You know....it does have nice tires!


----------



## vhaby (Dec 30, 2009)

Hope you got a good deal on it...


----------



## FCF (Apr 23, 2010)

Thing I like is only tires to maintain, always looking showroom new.


----------



## Swv.farmer (Jan 2, 2016)

It really hides scratches and dents well.
I'd say that is a great product.


----------



## endrow (Dec 15, 2011)

I bet that thing really shows the dirt


----------



## somedevildawg (Jun 20, 2011)

I'm sure y'all haggled on the price Ralph.....was you able to convince him to take the camouflage dollar bills?


----------



## Swv.farmer (Jan 2, 2016)

Is comparable to the luxury of the 100,000
dollar farm pickup??


----------



## rjmoses (Apr 4, 2010)

Swv.farmer said:


> Is comparable to the luxury of the 100,000
> dollar farm pickup??


Better!

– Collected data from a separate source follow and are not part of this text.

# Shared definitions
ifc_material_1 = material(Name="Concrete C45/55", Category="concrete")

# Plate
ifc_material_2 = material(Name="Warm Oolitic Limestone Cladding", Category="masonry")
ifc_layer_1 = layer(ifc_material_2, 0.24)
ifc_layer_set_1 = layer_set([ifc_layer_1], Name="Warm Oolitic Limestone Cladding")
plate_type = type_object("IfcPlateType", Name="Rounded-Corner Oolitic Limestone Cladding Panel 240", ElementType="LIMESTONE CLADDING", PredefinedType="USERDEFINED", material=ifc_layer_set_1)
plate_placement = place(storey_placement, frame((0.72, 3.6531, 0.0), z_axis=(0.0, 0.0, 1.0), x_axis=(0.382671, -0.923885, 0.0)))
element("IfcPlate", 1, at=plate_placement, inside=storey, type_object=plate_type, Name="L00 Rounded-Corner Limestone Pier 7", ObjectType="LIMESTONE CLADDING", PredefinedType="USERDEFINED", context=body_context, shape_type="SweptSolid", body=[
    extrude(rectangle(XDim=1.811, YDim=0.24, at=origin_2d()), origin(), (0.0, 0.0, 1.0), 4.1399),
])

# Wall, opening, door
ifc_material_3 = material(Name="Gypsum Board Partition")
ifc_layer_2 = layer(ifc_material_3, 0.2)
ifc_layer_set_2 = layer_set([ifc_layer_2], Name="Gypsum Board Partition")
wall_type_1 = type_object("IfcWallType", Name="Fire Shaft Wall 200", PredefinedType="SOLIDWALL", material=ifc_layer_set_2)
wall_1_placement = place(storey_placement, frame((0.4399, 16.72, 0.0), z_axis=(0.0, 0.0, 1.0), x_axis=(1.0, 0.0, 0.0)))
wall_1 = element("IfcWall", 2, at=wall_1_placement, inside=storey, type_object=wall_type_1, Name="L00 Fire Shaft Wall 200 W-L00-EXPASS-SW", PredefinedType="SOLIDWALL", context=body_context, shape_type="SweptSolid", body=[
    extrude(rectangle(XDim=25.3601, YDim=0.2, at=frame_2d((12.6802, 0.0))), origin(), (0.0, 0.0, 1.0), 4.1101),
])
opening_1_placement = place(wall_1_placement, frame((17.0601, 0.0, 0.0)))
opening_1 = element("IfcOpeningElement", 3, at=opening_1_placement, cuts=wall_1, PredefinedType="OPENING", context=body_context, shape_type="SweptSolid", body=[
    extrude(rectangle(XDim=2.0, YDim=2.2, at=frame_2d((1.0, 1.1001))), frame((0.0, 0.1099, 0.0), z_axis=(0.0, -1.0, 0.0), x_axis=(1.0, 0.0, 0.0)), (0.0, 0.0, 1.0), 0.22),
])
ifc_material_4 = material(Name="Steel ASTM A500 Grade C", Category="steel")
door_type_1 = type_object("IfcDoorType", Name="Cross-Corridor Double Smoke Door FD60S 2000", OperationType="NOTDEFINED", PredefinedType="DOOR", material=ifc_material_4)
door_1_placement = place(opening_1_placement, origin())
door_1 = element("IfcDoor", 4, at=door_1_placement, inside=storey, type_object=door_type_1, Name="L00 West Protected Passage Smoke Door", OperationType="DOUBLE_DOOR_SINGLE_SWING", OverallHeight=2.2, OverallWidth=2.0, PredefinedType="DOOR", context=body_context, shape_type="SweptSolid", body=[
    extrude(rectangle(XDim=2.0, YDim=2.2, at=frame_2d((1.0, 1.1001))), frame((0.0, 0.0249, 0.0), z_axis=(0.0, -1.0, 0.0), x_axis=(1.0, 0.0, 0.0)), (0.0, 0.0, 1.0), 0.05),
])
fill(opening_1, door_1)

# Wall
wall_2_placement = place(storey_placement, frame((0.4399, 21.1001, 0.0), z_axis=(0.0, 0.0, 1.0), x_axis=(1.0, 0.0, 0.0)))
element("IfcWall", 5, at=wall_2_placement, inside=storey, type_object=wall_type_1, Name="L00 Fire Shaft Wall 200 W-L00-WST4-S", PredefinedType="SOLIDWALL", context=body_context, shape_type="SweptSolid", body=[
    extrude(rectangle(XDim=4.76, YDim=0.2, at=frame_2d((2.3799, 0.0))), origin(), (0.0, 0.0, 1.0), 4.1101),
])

Never have to wash it or clean the inside!! Don't have to worry about tearing the upholstery, emptying the ash trays or dirty windows. Great visibility--I can see all around me. For some reason, the review mirror looks like I'm going forward

It does ride a little low to the ground, though--Almost feels like I'm sitting in the dirt. Acceleration is a little slow. But, then again, even a Cadillac or Mercedes always leave a little to be desired.

Ralph


----------



## FCF (Apr 23, 2010)

Better yet no more tickets- it's a STEALTH truck. You could probably sell it to the gubmint for a generous profit when you decide to let it go.


----------